To address these questions, we performed a deep mutational scan of a synthetic allosteric switch: a fusion between the E. coli metabolic enzyme Dihydrofolate Reductase (DHFR) and the blue-light sensing LOV2 domain from A. sativa [20, 21]. This modestly allosteric chimera shows a 28% increase in DHFR catalytic turnover (kcat) in response to light. Focusing on mutations to the DHFR residues, we found that only a small fraction (4.4%) of the mutations that retained DHFR activity had a statistically significant impact on allostery. Individual mutations exhibited generally modest effect sizes; the most allosteric single mutant characterized (H124Q) yielded a 3-fold increase in kcat in response to light relative to the starting construct. Structurally, allostery disrupting mutations tended to cluster near the LOV2 insertion site and were modestly enriched at both conserved and co-evolving amino acid positions. In contrast, allostery enhancing mutations were distributed across the protein, and strongly associated with the protein surface. We observed that combining a few of these mutations yielded near-additive enhancements to allosteric dynamic range. Collectively, our data elucidates practical strategies for optimizing engineered systems, and shows that weakly conserved, structurally distributed surface sites can contribute to allosteric tuning.
RESULTS
Characterization of an unoptimized allosteric fusion of DHFR-LOV2
To begin our study of allostery tuning mutations, we selected a previously characterized synthetic allosteric fusion between DHFR and LOV2 generated in earlier work [20, 21]. In this fusion, the LOV2 domain of A. sativa is inserted between residues 120 and 121 of the E. coli DHFR βF-βG loop; we refer to this construct as DL121 (Figure 1A, B). The choice of LOV2 insertion site was guided by Statistical Coupling Analysis (SCA), an approach for analyzing coevolution between pairs of amino acids across a homologous protein family [22–24]. A central finding of SCA is that co-evolving groups of amino acids, termed sectors, often form physically contiguous networks in the tertiary structure that link allosteric sites to active sites [24–26]. To create the DL121 fusion, Lee et al. followed the guiding principle that sector connected surface sites in DHFR might serve as preferred sites (or “hot spots”) for the introduction of allosteric regulation [20]. The resulting DL121 fusion covalently attaches the N- and C-termini of LOV2 into a sector connected surface on DHFR, and displays a two-fold increase in DHFR hydride transfer rate (khyd) in response to blue light [20]. Under steady state conditions, we measured a 28% increase in the turnover number (kcat) in response to light and a statistically insignificant change in the Michaelis constant (Km) (Figure 1C). Thus, the DL121 fusion is modestly allosteric in vitro. As DHFR has no known natural allosteric regulation, the LOV2 insertion confers a new, evolutionarily unoptimized regulatory input.

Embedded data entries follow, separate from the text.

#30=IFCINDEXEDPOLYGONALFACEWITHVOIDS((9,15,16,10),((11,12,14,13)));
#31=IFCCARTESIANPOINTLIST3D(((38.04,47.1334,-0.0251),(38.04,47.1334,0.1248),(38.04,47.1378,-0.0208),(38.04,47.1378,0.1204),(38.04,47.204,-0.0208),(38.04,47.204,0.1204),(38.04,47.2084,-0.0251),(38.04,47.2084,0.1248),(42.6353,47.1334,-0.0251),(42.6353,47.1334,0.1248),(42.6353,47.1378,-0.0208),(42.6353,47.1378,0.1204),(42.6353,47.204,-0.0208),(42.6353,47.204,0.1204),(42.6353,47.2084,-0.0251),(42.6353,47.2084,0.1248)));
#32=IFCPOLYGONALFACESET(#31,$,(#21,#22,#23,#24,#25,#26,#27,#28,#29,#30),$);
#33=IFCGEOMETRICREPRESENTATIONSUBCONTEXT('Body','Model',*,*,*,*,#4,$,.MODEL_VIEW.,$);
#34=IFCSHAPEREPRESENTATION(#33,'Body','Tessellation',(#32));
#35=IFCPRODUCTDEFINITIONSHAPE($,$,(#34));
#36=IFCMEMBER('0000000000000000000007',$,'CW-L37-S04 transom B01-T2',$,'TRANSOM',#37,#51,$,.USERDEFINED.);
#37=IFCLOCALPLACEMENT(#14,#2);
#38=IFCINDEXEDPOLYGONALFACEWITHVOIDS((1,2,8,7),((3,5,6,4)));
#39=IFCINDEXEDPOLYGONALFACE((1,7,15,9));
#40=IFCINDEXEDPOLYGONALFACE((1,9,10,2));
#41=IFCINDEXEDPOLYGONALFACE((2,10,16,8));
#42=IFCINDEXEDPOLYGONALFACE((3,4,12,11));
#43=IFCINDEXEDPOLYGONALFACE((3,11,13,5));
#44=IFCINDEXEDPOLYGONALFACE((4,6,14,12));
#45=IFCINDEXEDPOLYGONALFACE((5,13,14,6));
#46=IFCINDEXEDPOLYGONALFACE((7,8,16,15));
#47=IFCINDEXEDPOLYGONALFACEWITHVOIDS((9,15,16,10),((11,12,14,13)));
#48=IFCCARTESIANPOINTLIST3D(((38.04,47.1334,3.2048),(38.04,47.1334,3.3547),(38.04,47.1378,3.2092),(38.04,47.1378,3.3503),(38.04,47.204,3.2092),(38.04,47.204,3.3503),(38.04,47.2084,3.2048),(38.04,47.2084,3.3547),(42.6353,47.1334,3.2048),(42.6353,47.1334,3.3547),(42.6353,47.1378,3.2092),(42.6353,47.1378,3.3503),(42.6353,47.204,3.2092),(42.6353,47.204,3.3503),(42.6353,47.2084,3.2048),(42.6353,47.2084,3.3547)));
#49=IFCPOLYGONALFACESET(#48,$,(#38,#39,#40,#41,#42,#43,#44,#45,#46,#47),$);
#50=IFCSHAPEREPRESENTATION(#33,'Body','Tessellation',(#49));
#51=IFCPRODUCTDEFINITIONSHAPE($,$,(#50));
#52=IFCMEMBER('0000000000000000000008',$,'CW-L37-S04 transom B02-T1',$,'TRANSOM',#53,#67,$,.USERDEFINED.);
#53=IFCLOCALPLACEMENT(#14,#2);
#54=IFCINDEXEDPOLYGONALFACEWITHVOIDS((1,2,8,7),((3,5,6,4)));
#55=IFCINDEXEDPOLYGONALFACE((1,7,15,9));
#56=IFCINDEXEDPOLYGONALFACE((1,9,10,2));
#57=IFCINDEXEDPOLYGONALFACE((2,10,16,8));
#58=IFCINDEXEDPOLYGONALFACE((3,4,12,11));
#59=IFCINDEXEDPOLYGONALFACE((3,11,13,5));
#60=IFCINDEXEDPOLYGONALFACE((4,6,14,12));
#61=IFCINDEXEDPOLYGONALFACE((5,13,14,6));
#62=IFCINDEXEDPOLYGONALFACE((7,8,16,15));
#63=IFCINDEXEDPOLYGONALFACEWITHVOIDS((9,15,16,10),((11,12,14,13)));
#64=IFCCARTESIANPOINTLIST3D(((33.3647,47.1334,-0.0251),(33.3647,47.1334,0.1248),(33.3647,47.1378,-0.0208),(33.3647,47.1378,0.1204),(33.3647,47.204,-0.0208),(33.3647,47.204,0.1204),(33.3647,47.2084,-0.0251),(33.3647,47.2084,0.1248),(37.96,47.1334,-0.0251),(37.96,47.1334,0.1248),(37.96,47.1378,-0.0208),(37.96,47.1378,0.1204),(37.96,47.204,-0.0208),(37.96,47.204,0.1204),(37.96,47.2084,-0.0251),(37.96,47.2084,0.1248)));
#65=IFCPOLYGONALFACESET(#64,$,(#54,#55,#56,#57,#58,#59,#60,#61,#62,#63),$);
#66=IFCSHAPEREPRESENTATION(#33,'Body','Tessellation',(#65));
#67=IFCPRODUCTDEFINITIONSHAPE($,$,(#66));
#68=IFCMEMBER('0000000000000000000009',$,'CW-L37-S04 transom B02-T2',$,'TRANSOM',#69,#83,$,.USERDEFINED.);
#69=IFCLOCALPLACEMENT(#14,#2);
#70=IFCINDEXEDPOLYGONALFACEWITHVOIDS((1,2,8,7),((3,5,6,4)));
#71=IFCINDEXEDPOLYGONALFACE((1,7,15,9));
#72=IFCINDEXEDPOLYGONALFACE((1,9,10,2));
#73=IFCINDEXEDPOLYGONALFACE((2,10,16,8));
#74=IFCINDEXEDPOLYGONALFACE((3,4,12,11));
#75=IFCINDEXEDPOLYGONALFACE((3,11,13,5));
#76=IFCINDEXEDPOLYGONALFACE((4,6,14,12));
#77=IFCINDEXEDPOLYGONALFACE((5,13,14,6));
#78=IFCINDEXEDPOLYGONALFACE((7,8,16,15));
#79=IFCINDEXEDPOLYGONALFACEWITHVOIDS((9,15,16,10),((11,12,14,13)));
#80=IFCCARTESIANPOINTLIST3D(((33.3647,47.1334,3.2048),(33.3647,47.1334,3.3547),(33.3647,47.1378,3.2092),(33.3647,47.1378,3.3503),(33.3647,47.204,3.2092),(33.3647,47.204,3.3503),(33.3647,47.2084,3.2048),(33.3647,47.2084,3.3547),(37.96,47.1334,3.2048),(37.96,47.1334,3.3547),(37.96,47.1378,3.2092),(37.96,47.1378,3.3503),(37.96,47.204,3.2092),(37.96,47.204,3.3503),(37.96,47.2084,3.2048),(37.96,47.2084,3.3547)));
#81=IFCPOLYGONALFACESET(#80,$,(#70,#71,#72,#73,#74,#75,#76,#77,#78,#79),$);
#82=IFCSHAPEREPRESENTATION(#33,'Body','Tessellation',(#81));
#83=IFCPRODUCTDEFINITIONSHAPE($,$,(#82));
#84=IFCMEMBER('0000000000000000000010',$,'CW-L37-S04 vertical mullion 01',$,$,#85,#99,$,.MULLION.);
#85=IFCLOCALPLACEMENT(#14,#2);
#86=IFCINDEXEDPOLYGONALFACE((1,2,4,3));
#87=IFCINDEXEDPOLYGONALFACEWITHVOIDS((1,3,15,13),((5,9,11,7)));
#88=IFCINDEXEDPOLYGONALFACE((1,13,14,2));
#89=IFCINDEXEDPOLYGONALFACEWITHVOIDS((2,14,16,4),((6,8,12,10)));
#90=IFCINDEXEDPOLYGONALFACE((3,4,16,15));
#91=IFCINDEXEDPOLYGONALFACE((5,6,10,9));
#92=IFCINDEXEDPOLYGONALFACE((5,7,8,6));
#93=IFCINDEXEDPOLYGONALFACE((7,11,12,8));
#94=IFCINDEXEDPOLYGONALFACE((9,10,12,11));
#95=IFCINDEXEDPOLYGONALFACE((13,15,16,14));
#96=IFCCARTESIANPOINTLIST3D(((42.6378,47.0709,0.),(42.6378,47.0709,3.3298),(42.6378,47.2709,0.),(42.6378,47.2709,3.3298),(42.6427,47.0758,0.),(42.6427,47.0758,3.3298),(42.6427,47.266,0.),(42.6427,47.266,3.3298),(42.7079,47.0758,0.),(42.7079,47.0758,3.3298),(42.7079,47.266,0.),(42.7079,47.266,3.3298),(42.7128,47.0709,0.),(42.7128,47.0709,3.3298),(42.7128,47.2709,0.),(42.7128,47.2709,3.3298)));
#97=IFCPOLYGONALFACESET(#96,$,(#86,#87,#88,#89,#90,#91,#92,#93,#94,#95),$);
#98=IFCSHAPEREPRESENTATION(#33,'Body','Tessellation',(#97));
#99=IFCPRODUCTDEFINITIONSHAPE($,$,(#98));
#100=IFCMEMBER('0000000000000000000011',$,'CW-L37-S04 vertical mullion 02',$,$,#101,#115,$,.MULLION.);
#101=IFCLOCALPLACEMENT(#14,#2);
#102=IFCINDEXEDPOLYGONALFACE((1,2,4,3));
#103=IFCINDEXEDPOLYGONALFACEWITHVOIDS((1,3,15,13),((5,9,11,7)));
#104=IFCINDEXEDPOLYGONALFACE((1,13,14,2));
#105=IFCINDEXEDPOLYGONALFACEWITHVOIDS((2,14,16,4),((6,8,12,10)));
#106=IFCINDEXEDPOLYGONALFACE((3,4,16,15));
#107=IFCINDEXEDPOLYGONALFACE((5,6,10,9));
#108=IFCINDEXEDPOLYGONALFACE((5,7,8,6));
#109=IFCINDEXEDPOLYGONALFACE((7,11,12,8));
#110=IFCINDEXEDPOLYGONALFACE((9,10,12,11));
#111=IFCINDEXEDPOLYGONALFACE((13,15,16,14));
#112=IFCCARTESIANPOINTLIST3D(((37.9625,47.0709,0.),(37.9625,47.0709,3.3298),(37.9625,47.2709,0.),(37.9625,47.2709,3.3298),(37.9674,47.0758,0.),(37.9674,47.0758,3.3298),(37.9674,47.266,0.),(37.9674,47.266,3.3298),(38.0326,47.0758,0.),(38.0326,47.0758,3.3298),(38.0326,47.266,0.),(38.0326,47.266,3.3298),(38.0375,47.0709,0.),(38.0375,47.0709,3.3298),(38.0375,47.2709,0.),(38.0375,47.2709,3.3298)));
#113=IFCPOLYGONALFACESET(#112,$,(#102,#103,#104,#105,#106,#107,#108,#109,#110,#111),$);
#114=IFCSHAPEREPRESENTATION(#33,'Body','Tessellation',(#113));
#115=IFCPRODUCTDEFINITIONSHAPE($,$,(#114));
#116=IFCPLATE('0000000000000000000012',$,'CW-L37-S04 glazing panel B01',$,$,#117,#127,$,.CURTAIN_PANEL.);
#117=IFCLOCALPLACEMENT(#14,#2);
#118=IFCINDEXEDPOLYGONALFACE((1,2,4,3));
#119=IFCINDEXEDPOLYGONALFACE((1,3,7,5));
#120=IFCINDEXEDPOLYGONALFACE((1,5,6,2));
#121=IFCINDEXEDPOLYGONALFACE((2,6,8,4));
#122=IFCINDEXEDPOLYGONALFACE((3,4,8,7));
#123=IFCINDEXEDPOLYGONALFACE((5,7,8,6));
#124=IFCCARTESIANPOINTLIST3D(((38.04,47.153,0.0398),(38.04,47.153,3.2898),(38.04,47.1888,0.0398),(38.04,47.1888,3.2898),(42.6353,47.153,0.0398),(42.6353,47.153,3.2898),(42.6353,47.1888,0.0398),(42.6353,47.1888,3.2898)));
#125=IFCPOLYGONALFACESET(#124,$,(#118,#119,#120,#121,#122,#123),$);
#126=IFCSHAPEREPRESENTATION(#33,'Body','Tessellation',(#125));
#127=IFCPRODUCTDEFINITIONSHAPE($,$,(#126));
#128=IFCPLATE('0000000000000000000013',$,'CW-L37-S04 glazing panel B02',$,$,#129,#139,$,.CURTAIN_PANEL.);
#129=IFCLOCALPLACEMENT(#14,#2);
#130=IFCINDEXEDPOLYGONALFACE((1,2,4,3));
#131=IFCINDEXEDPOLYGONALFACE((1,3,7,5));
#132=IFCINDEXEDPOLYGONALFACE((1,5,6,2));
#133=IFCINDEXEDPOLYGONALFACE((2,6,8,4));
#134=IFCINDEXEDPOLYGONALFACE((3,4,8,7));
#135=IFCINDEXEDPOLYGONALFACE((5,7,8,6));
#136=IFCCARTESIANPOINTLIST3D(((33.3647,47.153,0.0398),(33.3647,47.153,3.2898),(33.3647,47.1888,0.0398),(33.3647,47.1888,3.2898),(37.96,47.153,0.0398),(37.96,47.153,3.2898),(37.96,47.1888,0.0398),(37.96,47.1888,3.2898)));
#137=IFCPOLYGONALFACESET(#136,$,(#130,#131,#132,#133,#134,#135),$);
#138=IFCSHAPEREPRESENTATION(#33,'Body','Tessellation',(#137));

But can this relatively small allosteric effect generate measurable physiological differences that could provide the basis for evolutionary selection? DHFR catalyzes the reduction of 7,8-dihydrofolate (DHF) to 5,6,7,8-tetrahydrofolate (THF) using NADPH as a co-factor. THF then serves as a one-carbon donor and acceptor in the synthesis of thymidine, purine nucleotides, serine, glycine, and methionine. Because of these critical metabolic functions, DHFR activity is strongly linked to growth rate, and under appropriate conditions, E. coli growth rate can be used as a proxy for DHFR activity [21, 27]. Prior work found that the modest in vitro allosteric effect of DL121 conferred a selectable growth rate advantage in vivo: when an E. coli DHFR deletion strain (ER2566 ΛfolAΔthyA) was complemented with DL121, the resulting strain grew 17% faster in the light than in the dark [21]. Thus, DL121 is a system where: 1) allosteric control is rapidly and reversibly applied, 2) the allosteric effects on activity can be readily quantified both in vitro and in vivo, and 3) there remains potential for large improvements in regulatory dynamic range through mutation.
A High Throughput Assay to Resolve Small Changes in DHFR Catalytic Efficiency
Our goal was to measure the effect of every single amino acid mutation in DHFR on the allosteric regulation of DL121. To do this, we aimed to follow a strategy loosely akin to a double mutant cycle (Figure 1D). The starting DL121 construct shows so-called V-type allostery, in which the effector (light) regulates the catalytic turnover number (kcat) [39]. Thus, allostery can be quantified as the ratio of catalytic turnover number between lit and dark states. More generally, allostery might be considered as a ratio of catalytic efficiencies (kcat /Km) between the lit and dark states, as the allosteric effector could regulate turnover, substrate affinity, or both. In either case, we defined the allosteric effect of mutation as the fold change in allosteric regulation upon mutation (Figure 1D, blue box). We sought to infer this quantity for every mutation in a saturation mutagenesis library of DHFR by using growth rate as a proxy for catalytic activity.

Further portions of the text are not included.